The Court finds the reasoning in Azizian applicable here and concludes that the bond amount should not cover a potential award of sanctions on appeal. See Glasser v. Volkswagen of Am., Inc., 2010 WL 11545660, *4 (C.D. Cal. May 20, 2010) (applying the reasoning in Azizian to conclude that it would be improper for a district court to set a Rule 7 bond covering potential sanctions for frivolous appeals under 28 U.S.C. § 1927). “The court in Azizian made clear that ‘the question of whether, or how, to deter frivolous appeals is best left to the courts of appeals,' which have a myriad options to govern their own dockets.” Id. (quoting Azizian, 499 F.3d at 961). Setting a bond amount to include sanctions on appeal here, as with the Rule 38 sanctions at issue in Azizian, would impose on the Ninth Circuit's prerogative to determine whether conduct is sanctionable and how to address such conduct. Further, it would require the Court to prospectively gauge whether future conduct is sanctionable and to speculate as to what sanctions would be warranted. The Court will not engage in such speculation here and, accordingly, declines to include sanctions as part of the Rule 7 bond.

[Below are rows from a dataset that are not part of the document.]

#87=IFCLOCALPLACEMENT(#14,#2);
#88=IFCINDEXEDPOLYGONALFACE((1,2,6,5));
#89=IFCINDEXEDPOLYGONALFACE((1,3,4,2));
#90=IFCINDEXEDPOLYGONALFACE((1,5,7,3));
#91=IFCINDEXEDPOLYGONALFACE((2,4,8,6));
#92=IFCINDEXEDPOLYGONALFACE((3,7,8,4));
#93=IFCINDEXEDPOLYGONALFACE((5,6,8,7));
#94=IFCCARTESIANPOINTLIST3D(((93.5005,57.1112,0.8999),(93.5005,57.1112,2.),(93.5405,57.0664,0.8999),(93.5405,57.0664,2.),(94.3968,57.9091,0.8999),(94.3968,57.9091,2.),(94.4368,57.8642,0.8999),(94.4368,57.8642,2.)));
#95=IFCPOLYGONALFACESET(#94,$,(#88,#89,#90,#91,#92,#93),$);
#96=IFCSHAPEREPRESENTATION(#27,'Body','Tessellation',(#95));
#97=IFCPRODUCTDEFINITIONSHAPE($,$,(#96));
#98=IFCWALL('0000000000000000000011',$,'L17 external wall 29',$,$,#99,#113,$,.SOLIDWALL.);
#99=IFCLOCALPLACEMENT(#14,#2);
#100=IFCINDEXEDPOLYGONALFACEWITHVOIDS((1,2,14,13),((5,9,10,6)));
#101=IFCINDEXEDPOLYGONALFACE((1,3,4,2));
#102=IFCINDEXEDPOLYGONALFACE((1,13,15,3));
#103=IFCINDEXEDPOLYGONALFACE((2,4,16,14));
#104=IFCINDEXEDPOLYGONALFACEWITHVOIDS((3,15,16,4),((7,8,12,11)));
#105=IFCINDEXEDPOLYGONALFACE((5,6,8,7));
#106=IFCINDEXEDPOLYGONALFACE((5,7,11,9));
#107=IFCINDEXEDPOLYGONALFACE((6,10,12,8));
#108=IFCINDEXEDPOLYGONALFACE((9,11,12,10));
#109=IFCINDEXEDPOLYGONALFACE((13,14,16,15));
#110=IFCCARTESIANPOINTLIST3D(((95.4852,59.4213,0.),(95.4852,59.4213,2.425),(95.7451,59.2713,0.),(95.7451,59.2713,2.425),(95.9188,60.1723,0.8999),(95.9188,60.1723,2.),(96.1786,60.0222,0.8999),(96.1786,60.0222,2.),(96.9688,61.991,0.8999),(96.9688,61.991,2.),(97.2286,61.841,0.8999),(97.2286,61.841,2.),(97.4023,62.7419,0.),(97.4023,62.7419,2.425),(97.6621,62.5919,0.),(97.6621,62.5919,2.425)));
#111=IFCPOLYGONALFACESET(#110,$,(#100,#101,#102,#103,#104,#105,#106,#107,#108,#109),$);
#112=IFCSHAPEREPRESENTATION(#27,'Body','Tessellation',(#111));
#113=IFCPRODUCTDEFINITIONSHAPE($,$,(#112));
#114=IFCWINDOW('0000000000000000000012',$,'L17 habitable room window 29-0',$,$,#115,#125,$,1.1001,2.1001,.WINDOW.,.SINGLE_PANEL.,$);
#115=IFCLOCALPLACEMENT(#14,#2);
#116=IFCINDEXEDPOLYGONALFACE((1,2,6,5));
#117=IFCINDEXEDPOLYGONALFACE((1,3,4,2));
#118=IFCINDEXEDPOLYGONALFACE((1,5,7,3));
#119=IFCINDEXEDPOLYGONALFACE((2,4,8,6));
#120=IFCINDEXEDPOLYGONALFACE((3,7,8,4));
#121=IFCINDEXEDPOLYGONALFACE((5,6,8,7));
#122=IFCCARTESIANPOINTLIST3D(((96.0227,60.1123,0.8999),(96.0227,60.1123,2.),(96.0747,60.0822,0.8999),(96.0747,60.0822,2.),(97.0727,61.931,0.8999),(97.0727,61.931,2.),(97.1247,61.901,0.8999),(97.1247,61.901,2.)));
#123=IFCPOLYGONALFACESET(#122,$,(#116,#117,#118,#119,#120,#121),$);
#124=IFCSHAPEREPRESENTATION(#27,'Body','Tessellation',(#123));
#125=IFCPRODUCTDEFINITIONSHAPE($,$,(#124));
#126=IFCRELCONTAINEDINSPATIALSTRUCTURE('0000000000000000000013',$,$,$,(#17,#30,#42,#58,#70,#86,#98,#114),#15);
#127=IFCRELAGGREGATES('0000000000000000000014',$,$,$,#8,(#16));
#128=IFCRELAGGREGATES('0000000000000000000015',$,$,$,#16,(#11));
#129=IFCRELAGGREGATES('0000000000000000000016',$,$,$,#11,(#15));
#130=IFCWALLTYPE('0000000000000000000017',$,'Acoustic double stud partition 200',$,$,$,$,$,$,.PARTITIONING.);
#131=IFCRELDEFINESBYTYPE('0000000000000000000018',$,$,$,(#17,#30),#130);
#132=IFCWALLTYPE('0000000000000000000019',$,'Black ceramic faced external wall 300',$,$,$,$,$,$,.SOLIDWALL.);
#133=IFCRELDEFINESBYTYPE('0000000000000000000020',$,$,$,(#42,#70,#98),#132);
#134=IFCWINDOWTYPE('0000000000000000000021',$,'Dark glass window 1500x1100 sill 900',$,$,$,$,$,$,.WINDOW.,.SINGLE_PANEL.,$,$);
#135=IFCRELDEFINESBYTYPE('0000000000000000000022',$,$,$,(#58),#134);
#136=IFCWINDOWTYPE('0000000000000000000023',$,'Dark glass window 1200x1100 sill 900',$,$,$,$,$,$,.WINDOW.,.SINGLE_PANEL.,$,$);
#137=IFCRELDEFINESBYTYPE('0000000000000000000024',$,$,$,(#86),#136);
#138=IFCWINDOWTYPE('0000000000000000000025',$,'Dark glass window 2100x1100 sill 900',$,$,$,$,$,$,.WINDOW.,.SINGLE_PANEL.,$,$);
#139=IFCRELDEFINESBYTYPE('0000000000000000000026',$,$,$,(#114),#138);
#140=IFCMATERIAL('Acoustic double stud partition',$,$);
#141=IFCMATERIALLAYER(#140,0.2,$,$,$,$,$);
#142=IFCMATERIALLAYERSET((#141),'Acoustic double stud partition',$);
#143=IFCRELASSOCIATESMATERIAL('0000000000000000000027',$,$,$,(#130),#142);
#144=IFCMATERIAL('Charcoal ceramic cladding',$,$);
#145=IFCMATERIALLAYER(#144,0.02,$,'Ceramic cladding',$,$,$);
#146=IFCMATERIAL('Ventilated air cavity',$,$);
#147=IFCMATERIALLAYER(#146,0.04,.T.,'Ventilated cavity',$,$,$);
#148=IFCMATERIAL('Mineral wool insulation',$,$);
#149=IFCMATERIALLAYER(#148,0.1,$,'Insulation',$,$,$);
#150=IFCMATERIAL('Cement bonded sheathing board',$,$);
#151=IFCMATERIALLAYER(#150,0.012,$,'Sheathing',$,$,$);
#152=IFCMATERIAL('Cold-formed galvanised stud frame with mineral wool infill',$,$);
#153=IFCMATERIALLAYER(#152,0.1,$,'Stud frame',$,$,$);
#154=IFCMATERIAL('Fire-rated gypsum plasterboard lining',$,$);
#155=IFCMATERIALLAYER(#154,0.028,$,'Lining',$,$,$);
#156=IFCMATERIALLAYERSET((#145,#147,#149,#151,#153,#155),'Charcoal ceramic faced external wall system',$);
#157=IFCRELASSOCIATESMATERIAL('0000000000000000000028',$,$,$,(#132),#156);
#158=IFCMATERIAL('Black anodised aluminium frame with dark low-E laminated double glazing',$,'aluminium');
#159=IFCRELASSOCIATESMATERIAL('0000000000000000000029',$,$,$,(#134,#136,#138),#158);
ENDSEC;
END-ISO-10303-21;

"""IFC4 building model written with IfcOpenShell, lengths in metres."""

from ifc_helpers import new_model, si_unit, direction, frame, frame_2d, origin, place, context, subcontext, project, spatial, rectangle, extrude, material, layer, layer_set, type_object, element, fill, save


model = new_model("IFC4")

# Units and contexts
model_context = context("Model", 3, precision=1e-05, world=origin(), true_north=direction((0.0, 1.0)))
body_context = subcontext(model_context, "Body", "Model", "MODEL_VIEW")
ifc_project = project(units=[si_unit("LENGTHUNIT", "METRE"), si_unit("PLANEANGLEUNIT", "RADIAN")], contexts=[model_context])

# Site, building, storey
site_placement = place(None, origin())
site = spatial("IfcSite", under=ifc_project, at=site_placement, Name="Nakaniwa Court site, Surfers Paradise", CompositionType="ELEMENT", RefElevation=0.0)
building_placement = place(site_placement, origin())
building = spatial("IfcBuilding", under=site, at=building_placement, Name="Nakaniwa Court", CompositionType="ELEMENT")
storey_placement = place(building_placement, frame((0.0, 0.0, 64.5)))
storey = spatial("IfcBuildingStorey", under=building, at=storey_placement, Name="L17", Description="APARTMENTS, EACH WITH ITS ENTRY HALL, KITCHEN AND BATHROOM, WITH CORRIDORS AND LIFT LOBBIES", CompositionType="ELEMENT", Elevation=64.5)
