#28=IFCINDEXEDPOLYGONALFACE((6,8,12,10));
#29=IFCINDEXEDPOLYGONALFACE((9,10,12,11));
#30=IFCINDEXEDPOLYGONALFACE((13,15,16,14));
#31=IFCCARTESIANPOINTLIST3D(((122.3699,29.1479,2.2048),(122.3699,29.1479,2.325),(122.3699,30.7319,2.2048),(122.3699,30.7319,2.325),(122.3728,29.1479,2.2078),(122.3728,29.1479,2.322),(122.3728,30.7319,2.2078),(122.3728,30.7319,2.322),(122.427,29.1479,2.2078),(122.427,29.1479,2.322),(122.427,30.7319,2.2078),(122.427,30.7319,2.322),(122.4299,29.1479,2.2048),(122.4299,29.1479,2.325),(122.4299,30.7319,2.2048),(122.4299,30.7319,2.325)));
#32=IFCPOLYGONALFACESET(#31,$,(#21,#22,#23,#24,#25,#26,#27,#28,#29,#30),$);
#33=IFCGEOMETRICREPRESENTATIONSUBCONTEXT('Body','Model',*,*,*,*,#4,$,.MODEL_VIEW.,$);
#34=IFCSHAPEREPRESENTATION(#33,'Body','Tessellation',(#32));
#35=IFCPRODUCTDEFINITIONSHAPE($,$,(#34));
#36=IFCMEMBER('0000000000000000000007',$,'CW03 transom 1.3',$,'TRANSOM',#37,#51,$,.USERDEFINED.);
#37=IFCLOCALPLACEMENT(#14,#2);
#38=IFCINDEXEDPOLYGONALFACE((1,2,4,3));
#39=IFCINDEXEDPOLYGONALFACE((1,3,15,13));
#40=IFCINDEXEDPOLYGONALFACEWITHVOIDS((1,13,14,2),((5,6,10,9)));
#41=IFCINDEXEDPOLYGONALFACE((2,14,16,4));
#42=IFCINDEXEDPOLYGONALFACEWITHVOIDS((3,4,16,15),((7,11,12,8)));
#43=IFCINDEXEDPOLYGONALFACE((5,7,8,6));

In light of these considerations, the Court concludes that the appropriate bond amount is $5,099,214, which is the final judgment awarded against Morgan Creek and Robinson plus prejudgment interest calculated per the terms above. Pursuant to Federal Rule of Civil Procedure 62(b), upon posting of the bond, a stay of enforcement is appropriate. 5
IV. CONCLUSION
In accordance with the foregoing, the Court GRANTS respondents' motion for a stay of enforcement against Morgan Creek and Robinson pending post-judgment motion for reconsideration and appeal and APPROVES a bond in the amount of $5,099,214. Robinson and Morgan Creek shall post a bond in this amount in accordance with Local Rule 65, no later than thirty (30) days of the date of this order.